Don’t fall into the megapixel trap. A cell phone’s camera is no better than another just because it has more megapixels, other factors such as the size of the sensor or the efficiency of artificial intelligence in processing the image are far more important than squeezing pixels as if they were on. bathing its a beach Benidorm.
The struggle to have more megapixels in a camera as a way to quantify photographic quality is not new, but it is not real as many others influence that quality decisive factors that can ruin the photos you take with your smartphone.
Throughout the year I have tried many, many cell phones and I have been able to verify for myself that the irrelevance of a camera with 200 Mpx – like that of the Xiaomi 12T Pro – or 48 Mpx if there is no set of factors behind that figure.
Ultimately, math and physics conspire to paint marketing departments in a bad light, earning a standing ovation for turning the irrelevant into the essential.
12 Mpx, the magic number for mobile photography
Have you ever wondered why some of the best phones of 2022 only have 12 Mpx cameras?
I’m talking about models like the Samsung Galaxy S22, like the iPhone 14 or like the Sony Xperia 5 IV. They all have 12-megapixel cameras and compete – and in most cases far outperform – with phones with 108 or 200 Mpx cameras. The secret is that even those phones with hundreds of megapixel cameras eventually deliver 12 Mpx photos.
There is a technology called pixel binning which sounds awful in english cool, but it is actually a simple pixel binning where the sensor driver groups adjacent pixels by registering the group information as a unit. Union create strength.
In this way, a 108 Mpx sensor is able to reorganize its pixels into groups of 3 pixels vertically and 3 pixels horizontally, forming a “large super pixel” with 9 small pixels that capture more light than working individually.
Surprise! If the math doesn’t lie, the result is a 12 Mpx photo (108 Mpx/9 pixels=12 Mpx). So many laps to finally have the same megapixels as a mobile with a 48 Mpx sensorlike that of the iPhone 14 Pro, which applies a 4 pixel binning to get that magical 12 Mpx.

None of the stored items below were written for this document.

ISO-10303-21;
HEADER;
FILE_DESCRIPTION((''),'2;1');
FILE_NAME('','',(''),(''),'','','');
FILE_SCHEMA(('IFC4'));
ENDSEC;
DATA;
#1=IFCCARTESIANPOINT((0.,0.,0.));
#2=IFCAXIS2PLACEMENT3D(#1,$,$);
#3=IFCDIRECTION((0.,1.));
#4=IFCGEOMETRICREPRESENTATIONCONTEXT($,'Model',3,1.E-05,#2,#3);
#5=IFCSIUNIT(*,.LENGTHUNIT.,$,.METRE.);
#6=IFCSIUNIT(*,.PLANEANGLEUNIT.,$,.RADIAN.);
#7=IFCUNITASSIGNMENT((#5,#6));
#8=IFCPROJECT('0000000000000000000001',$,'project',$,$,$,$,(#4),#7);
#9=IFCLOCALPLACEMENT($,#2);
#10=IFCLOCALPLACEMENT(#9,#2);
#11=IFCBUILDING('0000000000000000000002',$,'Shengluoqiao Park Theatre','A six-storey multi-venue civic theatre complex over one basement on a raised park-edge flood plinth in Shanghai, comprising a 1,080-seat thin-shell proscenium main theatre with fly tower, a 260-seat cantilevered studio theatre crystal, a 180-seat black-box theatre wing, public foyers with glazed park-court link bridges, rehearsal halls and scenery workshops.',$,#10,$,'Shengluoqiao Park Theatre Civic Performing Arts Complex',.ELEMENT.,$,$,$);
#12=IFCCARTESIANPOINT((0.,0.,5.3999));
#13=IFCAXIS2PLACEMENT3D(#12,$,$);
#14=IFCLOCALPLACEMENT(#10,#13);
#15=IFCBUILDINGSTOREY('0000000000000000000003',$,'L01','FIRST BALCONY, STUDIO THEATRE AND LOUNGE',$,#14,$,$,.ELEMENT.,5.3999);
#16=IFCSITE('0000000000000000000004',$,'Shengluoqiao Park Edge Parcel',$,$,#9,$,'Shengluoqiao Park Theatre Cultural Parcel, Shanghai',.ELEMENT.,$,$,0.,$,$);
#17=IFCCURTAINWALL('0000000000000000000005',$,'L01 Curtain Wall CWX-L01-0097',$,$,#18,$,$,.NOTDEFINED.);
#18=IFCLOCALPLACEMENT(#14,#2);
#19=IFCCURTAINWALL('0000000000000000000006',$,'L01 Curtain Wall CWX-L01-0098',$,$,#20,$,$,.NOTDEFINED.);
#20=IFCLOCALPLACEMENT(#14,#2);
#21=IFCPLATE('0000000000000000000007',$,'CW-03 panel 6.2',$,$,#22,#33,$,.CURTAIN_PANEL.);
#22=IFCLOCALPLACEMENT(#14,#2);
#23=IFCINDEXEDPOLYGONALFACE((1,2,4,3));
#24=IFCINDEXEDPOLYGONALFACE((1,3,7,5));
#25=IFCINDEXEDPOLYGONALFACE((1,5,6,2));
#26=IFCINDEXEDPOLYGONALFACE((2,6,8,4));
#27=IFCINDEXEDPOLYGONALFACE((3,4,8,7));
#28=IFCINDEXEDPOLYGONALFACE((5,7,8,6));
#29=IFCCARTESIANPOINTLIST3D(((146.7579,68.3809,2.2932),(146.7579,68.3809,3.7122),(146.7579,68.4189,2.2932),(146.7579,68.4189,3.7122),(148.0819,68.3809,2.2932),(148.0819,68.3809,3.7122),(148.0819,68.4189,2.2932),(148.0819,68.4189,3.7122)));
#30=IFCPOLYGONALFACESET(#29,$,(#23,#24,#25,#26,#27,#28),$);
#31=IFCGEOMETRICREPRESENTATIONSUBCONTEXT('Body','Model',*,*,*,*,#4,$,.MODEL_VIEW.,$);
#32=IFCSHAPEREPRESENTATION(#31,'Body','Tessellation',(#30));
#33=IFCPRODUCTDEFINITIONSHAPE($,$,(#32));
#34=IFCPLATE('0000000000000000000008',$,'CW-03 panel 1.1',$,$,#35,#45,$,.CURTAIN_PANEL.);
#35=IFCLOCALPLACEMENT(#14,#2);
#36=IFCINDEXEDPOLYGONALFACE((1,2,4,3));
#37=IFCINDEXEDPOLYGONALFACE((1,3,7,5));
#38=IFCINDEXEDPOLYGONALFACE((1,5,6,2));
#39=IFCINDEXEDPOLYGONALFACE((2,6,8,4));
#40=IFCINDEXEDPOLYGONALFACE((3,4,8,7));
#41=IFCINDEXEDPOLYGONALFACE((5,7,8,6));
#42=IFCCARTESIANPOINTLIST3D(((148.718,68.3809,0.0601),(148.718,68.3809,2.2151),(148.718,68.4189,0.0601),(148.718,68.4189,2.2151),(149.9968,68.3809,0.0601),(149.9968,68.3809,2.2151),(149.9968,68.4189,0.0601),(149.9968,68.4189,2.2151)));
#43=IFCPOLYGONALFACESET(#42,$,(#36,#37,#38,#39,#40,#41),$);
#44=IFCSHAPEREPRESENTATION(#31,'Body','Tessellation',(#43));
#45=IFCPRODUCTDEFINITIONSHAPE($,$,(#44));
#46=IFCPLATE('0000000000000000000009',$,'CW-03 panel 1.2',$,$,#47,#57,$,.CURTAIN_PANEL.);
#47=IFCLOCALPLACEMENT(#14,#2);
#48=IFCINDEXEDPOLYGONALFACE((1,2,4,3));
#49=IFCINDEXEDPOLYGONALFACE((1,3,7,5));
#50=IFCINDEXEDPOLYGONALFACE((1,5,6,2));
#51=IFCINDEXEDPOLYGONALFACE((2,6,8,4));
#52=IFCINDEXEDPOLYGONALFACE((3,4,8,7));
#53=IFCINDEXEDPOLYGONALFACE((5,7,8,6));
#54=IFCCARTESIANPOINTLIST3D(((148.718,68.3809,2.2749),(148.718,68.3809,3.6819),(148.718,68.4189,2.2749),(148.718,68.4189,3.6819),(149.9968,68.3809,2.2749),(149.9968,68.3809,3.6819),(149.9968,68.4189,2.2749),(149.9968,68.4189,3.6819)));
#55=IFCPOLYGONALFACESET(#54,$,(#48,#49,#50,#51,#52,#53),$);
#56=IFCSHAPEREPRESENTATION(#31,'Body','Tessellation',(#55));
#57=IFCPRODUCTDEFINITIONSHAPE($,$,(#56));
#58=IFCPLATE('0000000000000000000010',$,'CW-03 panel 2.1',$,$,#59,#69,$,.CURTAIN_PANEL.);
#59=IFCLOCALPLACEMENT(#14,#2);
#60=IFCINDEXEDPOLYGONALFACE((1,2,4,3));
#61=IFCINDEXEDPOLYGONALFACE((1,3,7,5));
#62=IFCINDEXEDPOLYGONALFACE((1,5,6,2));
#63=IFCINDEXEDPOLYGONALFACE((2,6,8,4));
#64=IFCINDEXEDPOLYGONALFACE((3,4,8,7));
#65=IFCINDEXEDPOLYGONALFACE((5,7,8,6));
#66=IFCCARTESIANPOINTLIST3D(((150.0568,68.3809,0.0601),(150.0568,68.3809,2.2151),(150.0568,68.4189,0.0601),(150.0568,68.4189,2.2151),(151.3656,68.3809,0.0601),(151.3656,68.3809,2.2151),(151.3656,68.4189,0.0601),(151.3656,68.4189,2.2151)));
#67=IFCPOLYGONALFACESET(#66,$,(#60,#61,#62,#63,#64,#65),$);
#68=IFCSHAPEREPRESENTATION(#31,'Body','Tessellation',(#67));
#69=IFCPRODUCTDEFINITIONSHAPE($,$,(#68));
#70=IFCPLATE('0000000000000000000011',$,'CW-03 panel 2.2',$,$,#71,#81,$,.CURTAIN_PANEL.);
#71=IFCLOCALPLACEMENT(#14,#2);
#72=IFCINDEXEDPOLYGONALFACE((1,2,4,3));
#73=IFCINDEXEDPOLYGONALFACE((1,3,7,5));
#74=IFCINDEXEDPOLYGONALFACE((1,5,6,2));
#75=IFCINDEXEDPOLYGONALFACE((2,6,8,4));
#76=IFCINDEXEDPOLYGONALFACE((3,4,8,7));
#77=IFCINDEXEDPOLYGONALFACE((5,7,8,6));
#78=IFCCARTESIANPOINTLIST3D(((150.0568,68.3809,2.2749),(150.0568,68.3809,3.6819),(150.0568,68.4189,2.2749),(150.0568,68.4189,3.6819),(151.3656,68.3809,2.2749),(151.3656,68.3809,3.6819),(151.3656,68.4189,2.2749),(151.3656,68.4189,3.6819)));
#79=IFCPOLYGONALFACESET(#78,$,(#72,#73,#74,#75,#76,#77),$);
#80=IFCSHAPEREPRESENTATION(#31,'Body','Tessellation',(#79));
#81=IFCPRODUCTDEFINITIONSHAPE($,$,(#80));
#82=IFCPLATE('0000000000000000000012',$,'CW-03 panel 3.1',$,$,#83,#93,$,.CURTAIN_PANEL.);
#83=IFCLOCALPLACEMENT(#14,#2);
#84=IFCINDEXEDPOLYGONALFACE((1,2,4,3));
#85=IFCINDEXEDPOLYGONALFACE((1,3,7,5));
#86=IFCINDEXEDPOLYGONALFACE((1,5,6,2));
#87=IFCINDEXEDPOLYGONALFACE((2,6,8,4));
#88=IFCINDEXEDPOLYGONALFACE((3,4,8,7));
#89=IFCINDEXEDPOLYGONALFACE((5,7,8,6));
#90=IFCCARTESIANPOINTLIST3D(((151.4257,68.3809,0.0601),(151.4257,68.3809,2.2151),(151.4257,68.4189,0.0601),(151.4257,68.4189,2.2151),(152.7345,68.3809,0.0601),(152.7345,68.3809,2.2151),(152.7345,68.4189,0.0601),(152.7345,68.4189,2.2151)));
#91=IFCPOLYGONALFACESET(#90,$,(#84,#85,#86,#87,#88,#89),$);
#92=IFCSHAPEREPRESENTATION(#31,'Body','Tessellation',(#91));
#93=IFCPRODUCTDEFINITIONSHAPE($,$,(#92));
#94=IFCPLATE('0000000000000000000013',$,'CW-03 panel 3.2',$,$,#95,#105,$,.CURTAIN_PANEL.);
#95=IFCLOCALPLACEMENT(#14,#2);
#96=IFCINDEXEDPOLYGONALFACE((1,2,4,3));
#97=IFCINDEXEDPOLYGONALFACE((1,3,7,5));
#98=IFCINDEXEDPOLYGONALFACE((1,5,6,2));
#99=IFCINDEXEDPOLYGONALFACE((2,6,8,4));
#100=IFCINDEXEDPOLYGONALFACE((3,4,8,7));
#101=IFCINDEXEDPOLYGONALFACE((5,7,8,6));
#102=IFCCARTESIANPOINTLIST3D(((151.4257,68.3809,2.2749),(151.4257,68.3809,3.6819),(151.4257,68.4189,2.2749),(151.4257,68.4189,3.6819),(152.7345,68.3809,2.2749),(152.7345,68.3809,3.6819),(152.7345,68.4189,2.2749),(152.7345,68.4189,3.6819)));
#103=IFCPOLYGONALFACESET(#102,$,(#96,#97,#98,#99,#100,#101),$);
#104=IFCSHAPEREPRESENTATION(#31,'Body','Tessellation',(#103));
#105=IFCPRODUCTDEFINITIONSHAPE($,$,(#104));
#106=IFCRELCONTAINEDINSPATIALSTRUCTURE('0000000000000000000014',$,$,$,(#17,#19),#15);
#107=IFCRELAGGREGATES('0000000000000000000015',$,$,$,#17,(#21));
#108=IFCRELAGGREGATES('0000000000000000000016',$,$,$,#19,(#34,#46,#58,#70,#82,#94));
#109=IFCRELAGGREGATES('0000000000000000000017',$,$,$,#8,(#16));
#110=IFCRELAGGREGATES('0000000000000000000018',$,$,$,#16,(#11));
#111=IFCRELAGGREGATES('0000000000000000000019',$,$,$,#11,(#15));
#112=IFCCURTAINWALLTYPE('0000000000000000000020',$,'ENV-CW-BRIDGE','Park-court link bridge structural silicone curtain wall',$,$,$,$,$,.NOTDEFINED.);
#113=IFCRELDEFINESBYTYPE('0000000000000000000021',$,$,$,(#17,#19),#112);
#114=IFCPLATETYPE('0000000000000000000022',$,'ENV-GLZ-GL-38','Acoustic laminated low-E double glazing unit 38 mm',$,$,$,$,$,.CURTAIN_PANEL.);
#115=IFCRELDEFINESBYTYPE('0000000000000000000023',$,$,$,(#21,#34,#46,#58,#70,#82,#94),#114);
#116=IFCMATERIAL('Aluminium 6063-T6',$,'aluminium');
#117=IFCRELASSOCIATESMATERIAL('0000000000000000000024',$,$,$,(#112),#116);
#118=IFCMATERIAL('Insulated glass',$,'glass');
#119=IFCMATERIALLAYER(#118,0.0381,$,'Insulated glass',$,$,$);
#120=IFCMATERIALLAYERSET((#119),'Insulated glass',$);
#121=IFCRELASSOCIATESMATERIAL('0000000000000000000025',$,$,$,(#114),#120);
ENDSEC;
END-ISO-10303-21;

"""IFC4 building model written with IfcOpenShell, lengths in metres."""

from ifc_helpers import new_model, si_unit, direction, frame, origin, origin_2d, place, context, subcontext, project, spatial, rectangle, extrude, material, layer, layer_set, type_object, element, aggregate, save


model = new_model("IFC4")

# Units and contexts
model_context = context("Model", 3, precision=1e-05, world=origin(), true_north=direction((0.0, 1.0)))
body_context = subcontext(model_context, "Body", "Model", "MODEL_VIEW")
ifc_project = project(units=[si_unit("LENGTHUNIT", "METRE"), si_unit("PLANEANGLEUNIT", "RADIAN")], contexts=[model_context])

# Site, building, storey
site_placement = place(None, origin())
site = spatial("IfcSite", under=ifc_project, at=site_placement, Name="Shengluoqiao Park Edge Parcel", LongName="Shengluoqiao Park Theatre Cultural Parcel, Shanghai", CompositionType="ELEMENT", RefElevation=0.0)
building_placement = place(site_placement, origin())
building = spatial("IfcBuilding", under=site, at=building_placement, Name="Shengluoqiao Park Theatre", Description="A six-storey multi-venue civic theatre complex over one basement on a raised park-edge flood plinth in Shanghai, comprising a 1,080-seat thin-shell proscenium main theatre with fly tower, a 260-seat cantilevered studio theatre crystal, a 180-seat black-box theatre wing, public foyers with glazed park-court link bridges, rehearsal halls and scenery workshops.", LongName="Shengluoqiao Park Theatre Civic Performing Arts Complex", CompositionType="ELEMENT")
storey_placement = place(building_placement, frame((0.0, 0.0, 5.3999)))
storey = spatial("IfcBuildingStorey", under=building, at=storey_placement, Name="L01", Description="FIRST BALCONY, STUDIO THEATRE AND LOUNGE", CompositionType="ELEMENT", Elevation=5.3999)

# Curtain walls
ifc_material_1 = material(Name="Aluminium 6063-T6", Category="aluminium")
curtain_wall_type = type_object("IfcCurtainWallType", Name="ENV-CW-BRIDGE", Description="Park-court link bridge structural silicone curtain wall", PredefinedType="NOTDEFINED", material=ifc_material_1)
curtain_wall_1_placement = place(storey_placement, origin())
curtain_wall_1 = element("IfcCurtainWall", 1, at=curtain_wall_1_placement, inside=storey, type_object=curtain_wall_type, Name="L01 Curtain Wall CWX-L01-0097", PredefinedType="NOTDEFINED")
curtain_wall_2_placement = place(storey_placement, origin())
curtain_wall_2 = element("IfcCurtainWall", 2, at=curtain_wall_2_placement, inside=storey, type_object=curtain_wall_type, Name="L01 Curtain Wall CWX-L01-0098", PredefinedType="NOTDEFINED")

Whatever they say, size matters
The law of 12 showed us that really the number of pixels is not the most important if eventually they need to be grouped together to form one with a larger size. Which brings us to the second question: the sensor size and pixel density. Here lies the crux of the matter.
The larger the base on which the pixels are arranged, the larger those pixels can be, eliminating the need to group them together as the camera has a lot of work to do to keep us looking fresh in the morning selfies.
The sensor size: It’s one of those data that usually goes unnoticed in camera specs and that is, 48Mpx of course isn’t the same on a thin sensor as it is on a nearly 1″ sensor with pixels the size of fists.
If you look at it more graphically, imagine that you put 12 friends in your room, and now imagine the same situation with 48 friends, and that in order to be quite wide and not take up so much space, each of them 4 friends on a piggyback had to carry his back. Hey, I have a terrible lower back for those efforts and I guess the pixels aren’t for those jogging either.
It doesn’t matter the sensor, but how you use it
We have already seen that when determining the photographic quality of a smartphone, one has to take into account not only the number of megapixels, but also the pixel size and sensor size. That as far as the hardware is concerned. But what about software, nobody thinks about software?
The image processing It is decisive in today’s mobile photography. is what they call computational photography and hide your bad heart rate, lack of light or make you look like a Hollywood star photographed with a thousands of dollar camera instead of being a selfie in the elevator. Almost a miracle, wow.
Not all photo processing systems are the same, nor do they all use the same thing. I have been able to verify it with my own eyes when analyzing several mobile phones that mount the same sony imx766 sensor -one of the best current sensors and by far my favorite- but then again depending on the processing it has produced very different results.
For example, I liked the photo processing I saw on the realme 9 Pro+ or the Oppo Find X5 Pro, but there was room for improvement on other models like the OnePlus Nord 2T or the Nothing Phone (1). What is better proof of? importance of computational photography then take pictures with the same sensor and get such different results.
These algorithms depend on whether the colors look vibrant and bright or dull, whether the cropping in portraits is spectacular or whether you look like a doll glued to cardboard, or, almost more importantly, whether the photos have detail and texture or look like a painted painting. with watercolor.
Surely, the 200 Mpx matters, but not as much as they want to sell us of the marketing departments. The truth is out there and you just need to snap a picture of it to see it.